# Installing windows 8



## thewhiteninja97 (Jan 11, 2020)

I need help i downloaded windows 8 iso and added it to usb via windows usb and i dont know how to add it to the boot

edit: put this in the wrong place on accident


----------



## Professionalgirl (Jan 10, 2020)

Hi White Ninja, Happy Birthday! 
Your looking to install Windows 8 and have attempted this and feel that you installed the ISO file in the wrong place and, will need some help from an experienced technician for the correct installation of Windows 8. Is this correct?
Before we get started, I need to know what your current operating system is.


----------



## thewhiteninja97 (Jan 11, 2020)

I just figured it out i used rufus thanks


----------



## thewhiteninja97 (Jan 11, 2020)

Okay no internet is detecting


----------



## TerryNet (Mar 23, 2005)

thewhiteninja97 said:


> edit: put this in the wrong place on accident


Moved the thread from Windows 10 to Windows 8 for you.


----------



## crjdriver (Jan 2, 2001)

thewhiteninja97 said:


> Okay no internet is detecting


OK, you need to be a little more specific; have you done the install and do not have internet or what?
On what _exact_ hardware are you installing win8?


----------



## thewhiteninja97 (Jan 11, 2020)

I installed it fixed it and downloaded a windows 8 file and none of my hardware.


----------



## crjdriver (Jan 2, 2001)

OK, if you want help, you really need to post your exact hardware ie exact motherboard, exact video card, etc, etc.

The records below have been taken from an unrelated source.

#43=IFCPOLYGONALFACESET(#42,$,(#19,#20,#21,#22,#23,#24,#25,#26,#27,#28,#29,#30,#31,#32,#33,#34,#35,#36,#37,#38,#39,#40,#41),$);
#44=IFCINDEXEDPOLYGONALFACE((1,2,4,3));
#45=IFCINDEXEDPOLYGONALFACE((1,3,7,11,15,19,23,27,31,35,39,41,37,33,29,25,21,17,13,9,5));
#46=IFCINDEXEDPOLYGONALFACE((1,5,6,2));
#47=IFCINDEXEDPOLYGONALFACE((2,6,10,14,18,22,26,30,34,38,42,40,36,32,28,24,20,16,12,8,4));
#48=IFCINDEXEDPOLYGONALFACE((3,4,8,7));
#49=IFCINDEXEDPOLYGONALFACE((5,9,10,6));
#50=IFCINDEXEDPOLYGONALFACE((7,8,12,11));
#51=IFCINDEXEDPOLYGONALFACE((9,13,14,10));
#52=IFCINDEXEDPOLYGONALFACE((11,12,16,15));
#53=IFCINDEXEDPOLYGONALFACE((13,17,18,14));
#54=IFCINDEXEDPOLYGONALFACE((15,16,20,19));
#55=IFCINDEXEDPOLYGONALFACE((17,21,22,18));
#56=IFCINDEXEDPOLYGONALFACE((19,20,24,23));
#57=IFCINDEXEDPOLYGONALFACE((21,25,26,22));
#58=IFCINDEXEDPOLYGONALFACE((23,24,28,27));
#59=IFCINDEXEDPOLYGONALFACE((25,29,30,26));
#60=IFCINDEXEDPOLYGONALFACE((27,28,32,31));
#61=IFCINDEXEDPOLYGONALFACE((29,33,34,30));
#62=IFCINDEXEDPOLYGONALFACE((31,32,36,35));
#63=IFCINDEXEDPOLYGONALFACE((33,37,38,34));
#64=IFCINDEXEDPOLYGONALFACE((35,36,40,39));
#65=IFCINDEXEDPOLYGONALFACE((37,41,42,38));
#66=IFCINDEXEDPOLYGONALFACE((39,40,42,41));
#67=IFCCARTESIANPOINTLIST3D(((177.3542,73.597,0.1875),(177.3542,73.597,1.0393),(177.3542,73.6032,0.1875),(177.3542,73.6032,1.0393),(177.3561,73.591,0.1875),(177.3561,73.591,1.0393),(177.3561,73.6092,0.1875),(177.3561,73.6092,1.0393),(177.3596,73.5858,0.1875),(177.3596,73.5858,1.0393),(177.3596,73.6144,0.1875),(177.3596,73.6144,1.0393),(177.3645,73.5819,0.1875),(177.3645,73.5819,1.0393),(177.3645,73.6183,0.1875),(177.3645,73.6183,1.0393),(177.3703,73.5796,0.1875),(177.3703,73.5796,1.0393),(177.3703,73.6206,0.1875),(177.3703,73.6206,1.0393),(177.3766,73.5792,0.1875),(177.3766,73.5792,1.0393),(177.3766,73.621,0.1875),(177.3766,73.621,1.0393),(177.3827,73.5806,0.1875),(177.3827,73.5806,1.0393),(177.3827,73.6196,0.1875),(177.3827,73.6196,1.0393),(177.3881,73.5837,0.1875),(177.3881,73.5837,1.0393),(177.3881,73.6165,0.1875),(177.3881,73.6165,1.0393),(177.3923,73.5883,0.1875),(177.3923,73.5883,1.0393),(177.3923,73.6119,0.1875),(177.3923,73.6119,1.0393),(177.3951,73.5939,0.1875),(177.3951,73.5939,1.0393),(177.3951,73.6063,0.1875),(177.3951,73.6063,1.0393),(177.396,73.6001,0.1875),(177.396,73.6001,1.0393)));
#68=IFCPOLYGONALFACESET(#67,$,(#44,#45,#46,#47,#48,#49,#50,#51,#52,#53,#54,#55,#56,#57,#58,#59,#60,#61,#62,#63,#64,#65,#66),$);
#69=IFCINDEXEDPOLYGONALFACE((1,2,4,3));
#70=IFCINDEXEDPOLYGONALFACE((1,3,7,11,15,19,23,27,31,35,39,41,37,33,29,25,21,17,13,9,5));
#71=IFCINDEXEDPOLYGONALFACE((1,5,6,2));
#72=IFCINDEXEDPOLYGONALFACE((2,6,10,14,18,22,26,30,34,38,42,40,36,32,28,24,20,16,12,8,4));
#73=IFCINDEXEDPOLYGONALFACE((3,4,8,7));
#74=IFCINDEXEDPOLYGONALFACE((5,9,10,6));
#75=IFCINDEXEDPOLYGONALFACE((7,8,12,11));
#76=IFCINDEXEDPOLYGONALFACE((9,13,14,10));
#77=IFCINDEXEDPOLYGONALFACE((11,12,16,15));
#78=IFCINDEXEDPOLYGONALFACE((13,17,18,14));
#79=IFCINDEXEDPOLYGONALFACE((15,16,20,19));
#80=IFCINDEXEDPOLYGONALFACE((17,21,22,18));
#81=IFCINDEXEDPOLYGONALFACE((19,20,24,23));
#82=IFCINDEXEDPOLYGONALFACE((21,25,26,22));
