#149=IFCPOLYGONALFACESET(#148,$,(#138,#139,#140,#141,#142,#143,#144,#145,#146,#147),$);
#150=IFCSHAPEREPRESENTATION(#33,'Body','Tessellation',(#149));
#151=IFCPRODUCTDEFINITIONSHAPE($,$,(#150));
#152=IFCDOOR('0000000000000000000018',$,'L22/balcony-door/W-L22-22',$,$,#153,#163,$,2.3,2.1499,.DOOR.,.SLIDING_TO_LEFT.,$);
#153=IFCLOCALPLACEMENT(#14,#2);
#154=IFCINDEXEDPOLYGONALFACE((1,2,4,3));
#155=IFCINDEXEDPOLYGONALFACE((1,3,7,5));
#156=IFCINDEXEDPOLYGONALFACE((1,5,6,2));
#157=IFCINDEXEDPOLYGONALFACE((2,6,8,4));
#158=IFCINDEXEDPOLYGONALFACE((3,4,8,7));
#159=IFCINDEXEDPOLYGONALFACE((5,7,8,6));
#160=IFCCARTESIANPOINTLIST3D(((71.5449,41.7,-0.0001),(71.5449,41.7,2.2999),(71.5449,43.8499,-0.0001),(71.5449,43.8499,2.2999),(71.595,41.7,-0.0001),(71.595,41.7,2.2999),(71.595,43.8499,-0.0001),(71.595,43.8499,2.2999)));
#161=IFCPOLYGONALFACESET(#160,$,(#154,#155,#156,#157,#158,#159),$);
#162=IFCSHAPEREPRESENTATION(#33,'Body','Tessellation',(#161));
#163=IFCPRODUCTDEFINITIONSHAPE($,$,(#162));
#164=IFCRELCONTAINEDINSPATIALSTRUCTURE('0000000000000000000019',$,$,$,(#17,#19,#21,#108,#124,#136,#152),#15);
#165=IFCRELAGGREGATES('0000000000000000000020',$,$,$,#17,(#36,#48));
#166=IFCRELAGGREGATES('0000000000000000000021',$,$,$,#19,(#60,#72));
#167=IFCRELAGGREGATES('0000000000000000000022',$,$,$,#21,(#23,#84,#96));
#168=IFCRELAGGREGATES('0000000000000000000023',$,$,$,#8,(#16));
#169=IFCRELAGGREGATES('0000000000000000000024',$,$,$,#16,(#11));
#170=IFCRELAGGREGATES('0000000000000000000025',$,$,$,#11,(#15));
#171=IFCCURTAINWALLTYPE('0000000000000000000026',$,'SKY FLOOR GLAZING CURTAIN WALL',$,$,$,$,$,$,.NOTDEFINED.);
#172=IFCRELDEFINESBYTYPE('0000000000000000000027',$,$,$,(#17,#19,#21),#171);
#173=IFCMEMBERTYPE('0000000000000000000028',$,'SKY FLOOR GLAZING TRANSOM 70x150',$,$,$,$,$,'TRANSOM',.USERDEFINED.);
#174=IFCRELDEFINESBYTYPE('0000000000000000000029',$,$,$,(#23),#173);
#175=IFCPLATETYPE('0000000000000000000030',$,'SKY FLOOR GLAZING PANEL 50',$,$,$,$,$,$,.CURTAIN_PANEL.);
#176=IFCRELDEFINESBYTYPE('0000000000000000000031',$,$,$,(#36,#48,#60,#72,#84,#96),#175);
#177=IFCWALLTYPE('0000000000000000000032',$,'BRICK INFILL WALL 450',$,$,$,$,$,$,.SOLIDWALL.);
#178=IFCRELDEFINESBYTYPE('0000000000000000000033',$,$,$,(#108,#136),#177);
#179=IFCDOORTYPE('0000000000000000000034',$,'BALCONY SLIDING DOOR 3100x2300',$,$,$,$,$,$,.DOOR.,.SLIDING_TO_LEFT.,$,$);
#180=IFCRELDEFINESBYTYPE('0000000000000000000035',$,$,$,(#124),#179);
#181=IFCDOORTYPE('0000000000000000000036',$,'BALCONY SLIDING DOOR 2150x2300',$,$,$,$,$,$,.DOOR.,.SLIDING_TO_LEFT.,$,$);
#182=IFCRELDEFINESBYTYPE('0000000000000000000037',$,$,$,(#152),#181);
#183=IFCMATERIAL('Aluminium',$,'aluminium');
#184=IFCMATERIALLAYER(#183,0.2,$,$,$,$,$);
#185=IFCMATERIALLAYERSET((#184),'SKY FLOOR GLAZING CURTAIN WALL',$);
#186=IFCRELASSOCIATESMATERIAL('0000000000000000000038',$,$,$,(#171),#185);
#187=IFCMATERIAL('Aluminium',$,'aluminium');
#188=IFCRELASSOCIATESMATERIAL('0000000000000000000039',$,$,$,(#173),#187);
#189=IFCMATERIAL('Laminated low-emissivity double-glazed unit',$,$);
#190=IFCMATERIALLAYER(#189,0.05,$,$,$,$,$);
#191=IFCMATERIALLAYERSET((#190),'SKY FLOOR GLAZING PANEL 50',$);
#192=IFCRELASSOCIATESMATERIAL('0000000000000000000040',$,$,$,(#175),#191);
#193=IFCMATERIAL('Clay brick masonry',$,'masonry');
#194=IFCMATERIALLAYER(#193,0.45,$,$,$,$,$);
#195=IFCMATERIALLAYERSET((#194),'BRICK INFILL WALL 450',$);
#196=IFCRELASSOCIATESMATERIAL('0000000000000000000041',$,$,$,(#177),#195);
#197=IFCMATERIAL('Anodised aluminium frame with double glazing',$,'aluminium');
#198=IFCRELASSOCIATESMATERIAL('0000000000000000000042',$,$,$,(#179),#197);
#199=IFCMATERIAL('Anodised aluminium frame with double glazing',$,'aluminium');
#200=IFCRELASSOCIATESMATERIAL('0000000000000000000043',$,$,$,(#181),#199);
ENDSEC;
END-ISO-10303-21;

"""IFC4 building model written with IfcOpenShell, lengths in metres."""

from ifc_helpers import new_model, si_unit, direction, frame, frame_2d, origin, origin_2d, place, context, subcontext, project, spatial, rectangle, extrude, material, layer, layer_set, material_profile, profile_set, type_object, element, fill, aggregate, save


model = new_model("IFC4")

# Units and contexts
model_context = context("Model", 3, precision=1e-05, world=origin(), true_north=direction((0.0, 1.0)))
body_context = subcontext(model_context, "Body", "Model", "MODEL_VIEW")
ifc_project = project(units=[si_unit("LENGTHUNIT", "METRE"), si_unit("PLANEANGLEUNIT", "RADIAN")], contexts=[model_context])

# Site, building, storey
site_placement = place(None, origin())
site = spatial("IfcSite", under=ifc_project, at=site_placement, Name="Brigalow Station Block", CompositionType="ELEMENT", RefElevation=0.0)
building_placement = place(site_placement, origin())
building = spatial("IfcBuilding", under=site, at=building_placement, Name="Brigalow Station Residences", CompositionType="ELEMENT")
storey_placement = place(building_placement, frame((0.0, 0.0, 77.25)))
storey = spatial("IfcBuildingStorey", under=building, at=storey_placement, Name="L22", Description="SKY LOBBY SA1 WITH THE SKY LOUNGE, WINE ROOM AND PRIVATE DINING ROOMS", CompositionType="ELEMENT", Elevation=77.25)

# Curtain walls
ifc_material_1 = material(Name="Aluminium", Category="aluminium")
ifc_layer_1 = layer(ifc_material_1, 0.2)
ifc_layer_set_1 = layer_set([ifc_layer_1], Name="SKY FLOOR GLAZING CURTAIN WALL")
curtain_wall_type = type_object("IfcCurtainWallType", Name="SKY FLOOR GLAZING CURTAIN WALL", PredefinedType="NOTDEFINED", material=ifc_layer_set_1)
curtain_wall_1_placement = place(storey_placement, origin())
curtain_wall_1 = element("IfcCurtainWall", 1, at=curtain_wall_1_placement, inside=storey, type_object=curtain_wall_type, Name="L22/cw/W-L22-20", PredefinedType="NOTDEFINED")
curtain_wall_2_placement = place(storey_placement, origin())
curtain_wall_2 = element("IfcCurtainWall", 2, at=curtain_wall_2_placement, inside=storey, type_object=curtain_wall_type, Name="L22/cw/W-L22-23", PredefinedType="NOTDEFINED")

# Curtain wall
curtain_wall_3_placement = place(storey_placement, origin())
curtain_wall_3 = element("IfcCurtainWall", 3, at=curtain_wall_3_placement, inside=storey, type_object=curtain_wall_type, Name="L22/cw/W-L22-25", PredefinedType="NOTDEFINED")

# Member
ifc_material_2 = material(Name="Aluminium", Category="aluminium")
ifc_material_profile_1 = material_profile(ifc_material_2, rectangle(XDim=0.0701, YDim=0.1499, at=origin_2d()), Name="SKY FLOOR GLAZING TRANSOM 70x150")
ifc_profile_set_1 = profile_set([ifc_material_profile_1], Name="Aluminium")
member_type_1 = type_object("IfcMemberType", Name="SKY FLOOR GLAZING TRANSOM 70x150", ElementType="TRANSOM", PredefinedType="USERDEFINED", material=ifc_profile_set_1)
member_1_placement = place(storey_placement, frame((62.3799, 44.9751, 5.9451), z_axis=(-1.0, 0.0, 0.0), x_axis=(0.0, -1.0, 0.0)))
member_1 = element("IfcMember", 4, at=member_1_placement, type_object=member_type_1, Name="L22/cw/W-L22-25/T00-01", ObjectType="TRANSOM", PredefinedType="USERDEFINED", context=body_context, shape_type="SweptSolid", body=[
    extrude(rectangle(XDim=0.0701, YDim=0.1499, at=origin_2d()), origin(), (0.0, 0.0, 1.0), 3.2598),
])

If this is by chance a big box system ie dell, hp, whatever; post the exact brand, model# and service tag#
Next your post above is not understandable;
1 Do you have windows installed and working?
2 Is the system working ok or are there _specific_ problems?


----------



## thewhiteninja97 (Jan 11, 2020)

Right now im resetting my PC because the windows 8 iso i downloaded didn't have any hardware in it

OS Version: Microsoft Windows 10 Home, 64 bit, Build 18363, Installed 20200103221235.000000-300
Processor: Intel(R) Core(TM) i7-7700 CPU @ 3.60GHz, Intel64 Family 6 Model 158 Stepping 9, CPU Count: 8
Total Physical RAM: 16 GB
Graphics Card: NVIDIA GeForce GTX 1660 Ti
Hard Drives: C: 929 GB (886 GB Free);
Motherboard: Dell Inc. 0VHXCD, ver A00, s/n 8845KH2.CN74431712033O.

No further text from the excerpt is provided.